My advice would be to forget about it and move on. It's just one bad rating. Also not sure what kind of legal advice you're expecting.. are you looking to take uber to court over a one star?


----------



## UberDriverAU (Nov 4, 2015)

Still Standing said:


> today Iam considering quitting Uber after receiving a 1 star and seeing my rating immediately drop after refusing a rider who admitted she was under 18


(1) You don't get rated unless you start and finish a trip. Cancelled trips don't get rated. 
(2) Why do you care what ratings you get?


----------



## Still Standing (Nov 2, 2017)

No not so naive as that, I guess Iam just wanting to know if it is indeed illegal to transport unaccompanied minors using Rideshare, as the minors I have refused to take have ratings below 5.00 so they obviously have used Uber before, I actually attended a local police station for clarification after this latest incident and the officer told me it was nothing they would get involved in, so obviously confused , I will continue to decline fraudulent minors using the Uber app, as I believe a Uber driver would be crucified , if after dropping off minor it turned out , the minor had unknown to parents used their credit card details and the minor had used Uber to go somewhere then went missing or was injured after getting out of Uber , or there was a car accident , the driver would be prosecuted no doubt, I just have had to decline 4 trips in last three days alone , and had report from persons who are in fact putting drivers at risk illegally . 
Perhaps their caring parents book the Uber for the kids then make a report after they find the Uber driver who is following UBer Guidelines and transport regulations has declined politely the trip, they may feel annoyed they have to actually care for their children themselves , who knows??


----------



## UberDriverAU (Nov 4, 2015)

I think you worry far too much about the endless list of things that can go wrong. I have no issues with you declining to take minors, but I think you'll find the down ratings and complaints relate to other trips you've actually taken rather than the cancelled ones you're concerned about.


----------



## Still Standing (Nov 2, 2017)

I may be in fact wrong about the rating after receiving the latest Uber app response , that a cancelled trip cannot be rated even after a false start , but I know reports can be filed even if a driver hasn’t even arrived as Iam a rider also and that option is available to rider months after trip has been taken , however the main crux remains , why isn’t there a message on Uber rider app, and Uber driver app ie Only persons 18 or older are allowed to use Uber if unaccompanied by an adult????????????? 
Really simple for a programmer , not hard, that is the crux of this issue .


----------



## UberDriverAU (Nov 4, 2015)

Still Standing said:


> I may be in fact wrong about the rating after receiving the latest Uber app response , that a cancelled trip cannot be rated even after a false start , but I know reports can be filed even if a driver hasn't even arrived as Iam a rider also and that option is available to rider months after trip has been taken , however the main crux remains , why isn't there a message on Uber rider app, and Uber driver app ie Only persons 18 or older are allowed to use Uber if unaccompanied by an adult?????????????
> Really simple for a programmer , not hard, that is the crux of this issue .


The list of things they shouldn't do but try anyway is long enough that they'd simply ignore any such messaging.
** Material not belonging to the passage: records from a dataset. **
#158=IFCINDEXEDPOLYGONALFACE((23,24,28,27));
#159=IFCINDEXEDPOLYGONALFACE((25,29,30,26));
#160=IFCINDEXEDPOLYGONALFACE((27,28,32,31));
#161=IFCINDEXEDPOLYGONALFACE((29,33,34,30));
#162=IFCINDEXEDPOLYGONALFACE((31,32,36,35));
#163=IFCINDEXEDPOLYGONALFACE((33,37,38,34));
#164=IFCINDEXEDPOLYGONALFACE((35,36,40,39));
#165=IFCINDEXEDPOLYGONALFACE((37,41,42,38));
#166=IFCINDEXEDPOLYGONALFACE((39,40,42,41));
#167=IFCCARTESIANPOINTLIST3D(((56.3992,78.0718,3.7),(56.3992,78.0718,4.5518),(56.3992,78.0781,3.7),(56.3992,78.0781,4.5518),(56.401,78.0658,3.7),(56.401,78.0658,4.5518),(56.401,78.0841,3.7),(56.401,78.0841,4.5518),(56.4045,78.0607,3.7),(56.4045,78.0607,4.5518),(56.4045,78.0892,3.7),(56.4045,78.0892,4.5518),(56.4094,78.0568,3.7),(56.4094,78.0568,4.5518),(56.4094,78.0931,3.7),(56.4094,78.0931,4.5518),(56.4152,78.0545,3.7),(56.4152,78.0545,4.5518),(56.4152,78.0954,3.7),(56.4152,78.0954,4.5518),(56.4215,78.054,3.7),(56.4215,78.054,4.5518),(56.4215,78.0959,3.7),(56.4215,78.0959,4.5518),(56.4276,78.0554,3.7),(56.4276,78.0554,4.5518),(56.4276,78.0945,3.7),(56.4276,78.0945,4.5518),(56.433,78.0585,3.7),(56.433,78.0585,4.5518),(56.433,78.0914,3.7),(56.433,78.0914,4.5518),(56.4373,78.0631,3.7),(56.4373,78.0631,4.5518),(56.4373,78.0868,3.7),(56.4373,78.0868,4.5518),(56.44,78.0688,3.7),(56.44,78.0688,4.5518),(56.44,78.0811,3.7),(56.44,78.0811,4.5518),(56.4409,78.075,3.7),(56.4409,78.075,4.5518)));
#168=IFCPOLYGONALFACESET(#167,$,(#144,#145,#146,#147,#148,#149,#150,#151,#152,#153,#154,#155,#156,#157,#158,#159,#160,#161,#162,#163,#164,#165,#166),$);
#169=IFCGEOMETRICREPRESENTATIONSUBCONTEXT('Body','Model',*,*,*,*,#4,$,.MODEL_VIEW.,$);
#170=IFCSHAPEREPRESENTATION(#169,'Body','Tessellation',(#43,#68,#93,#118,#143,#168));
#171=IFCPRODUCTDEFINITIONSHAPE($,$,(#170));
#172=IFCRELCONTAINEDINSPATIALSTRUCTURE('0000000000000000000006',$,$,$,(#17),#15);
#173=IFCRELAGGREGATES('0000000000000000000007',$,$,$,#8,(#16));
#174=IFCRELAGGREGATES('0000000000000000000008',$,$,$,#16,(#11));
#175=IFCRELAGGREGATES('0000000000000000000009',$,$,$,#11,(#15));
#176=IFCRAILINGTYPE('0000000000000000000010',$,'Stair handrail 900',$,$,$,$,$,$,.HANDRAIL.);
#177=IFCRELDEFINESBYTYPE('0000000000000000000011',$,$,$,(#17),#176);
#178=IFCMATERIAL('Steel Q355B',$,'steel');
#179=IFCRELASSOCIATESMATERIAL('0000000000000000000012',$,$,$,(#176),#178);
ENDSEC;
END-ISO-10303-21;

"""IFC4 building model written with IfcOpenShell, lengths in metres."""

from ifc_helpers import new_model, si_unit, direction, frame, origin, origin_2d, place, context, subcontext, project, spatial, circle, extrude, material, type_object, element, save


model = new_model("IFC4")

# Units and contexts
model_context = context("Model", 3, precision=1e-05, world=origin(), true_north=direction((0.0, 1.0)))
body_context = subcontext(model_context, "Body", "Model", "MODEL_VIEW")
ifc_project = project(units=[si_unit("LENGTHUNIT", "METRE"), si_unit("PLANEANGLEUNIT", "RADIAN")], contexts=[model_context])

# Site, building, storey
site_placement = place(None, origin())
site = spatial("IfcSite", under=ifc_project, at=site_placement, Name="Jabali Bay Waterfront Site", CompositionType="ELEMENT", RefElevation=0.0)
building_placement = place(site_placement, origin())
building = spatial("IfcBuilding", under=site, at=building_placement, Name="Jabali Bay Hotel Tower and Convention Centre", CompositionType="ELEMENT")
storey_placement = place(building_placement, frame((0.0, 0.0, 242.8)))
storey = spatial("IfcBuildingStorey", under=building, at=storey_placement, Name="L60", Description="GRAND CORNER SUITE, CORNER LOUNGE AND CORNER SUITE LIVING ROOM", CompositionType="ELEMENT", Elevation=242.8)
Eg. Pickups and drop offs in illegal places, drinking and smoking, etc. Simply cancel and move on.


----------



## BuckleUp (Jan 18, 2018)

Still Standing said:


> No not so naive as that, I guess Iam just wanting to know if it is indeed illegal to transport unaccompanied minors using Rideshare, as the minors I have refused to take have ratings below 5.00 so they obviously have used Uber before, I actually attended a local police station for clarification after this latest incident and the officer told me it was nothing they would get involved in, so obviously confused , I will continue to decline fraudulent minors using the Uber app, as I believe a Uber driver would be crucified , if after dropping off minor it turned out , the minor had unknown to parents used their credit card details and the minor had used Uber to go somewhere then went missing or was injured after getting out of Uber , or there was a car accident , the driver would be prosecuted no doubt, I just have had to decline 4 trips in last three days alone , and had report from persons who are in fact putting drivers at risk illegally .
> Perhaps their caring parents book the Uber for the kids then make a report after they find the Uber driver who is following UBer Guidelines and transport regulations has declined politely the trip, they may feel annoyed they have to actually care for their children themselves , who knows??
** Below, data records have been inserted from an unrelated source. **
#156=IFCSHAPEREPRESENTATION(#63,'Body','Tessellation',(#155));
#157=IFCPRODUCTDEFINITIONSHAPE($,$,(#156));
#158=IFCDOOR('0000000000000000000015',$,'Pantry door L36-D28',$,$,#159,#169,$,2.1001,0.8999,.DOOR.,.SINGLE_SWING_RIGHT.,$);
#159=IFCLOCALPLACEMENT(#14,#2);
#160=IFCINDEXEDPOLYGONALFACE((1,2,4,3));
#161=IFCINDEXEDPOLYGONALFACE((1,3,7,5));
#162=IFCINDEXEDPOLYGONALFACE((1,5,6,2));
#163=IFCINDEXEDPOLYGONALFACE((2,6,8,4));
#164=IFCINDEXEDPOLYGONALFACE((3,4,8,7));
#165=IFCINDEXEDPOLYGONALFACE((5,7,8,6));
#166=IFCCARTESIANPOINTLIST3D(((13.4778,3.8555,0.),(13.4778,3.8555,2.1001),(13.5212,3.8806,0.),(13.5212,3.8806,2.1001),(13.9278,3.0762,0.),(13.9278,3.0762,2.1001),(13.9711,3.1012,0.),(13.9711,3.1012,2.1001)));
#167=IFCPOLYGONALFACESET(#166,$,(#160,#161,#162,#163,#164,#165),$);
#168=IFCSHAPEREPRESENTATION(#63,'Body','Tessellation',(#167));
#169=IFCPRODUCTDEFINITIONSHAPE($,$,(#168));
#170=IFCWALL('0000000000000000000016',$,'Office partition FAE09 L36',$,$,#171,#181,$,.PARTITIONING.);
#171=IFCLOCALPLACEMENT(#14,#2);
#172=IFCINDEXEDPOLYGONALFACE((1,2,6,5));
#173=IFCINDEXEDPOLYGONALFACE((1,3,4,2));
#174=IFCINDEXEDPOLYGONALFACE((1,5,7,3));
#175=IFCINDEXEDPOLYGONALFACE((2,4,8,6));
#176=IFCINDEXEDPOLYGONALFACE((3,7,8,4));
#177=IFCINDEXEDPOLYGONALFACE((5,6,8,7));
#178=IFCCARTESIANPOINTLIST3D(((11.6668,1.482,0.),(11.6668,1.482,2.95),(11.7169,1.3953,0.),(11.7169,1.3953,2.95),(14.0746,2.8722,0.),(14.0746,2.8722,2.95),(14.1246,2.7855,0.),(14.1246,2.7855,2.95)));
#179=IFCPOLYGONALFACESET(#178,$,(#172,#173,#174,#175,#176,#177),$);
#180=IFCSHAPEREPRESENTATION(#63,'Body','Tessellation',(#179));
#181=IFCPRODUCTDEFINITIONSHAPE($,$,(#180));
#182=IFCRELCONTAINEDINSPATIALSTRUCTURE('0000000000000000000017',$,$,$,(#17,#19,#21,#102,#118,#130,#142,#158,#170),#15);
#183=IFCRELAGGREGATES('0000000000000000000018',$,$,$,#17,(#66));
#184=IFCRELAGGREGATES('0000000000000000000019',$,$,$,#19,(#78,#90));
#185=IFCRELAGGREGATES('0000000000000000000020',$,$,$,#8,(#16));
When you are approaching the pickup point, 50m away, and you see them in school uniform, cancel and drive on. No need to stop and talk.
Legally, contact the transport industry ombudsman. You could also email a few radio stations and TV stations about uber's unconscionable conduct. Make sure to cc the ACCC. Air out all dirt in public to keep pressure up on uber.


----------



## Teri12 (Jul 20, 2016)

UberDriverAU said:


> The list of things they shouldn't do but try anyway is long enough that they'd simply ignore any such messaging. Eg. Pickups and drop offs in illegal places, drinking and smoking, etc. Simply cancel and move on.


That's it. Don't concern yourself.


----------



## Kodyhead (May 26, 2015)

If you order a ride and cancel the ride sometimes the rating screens came up for a while


----------



## MyRedUber (Dec 28, 2015)

For what it's worth, the reply I received from the NSW Point To Point Commission when I asked about transporting unaccompanied minors:

"
Thank you for contacting the NSW Point to Point Transport Commission.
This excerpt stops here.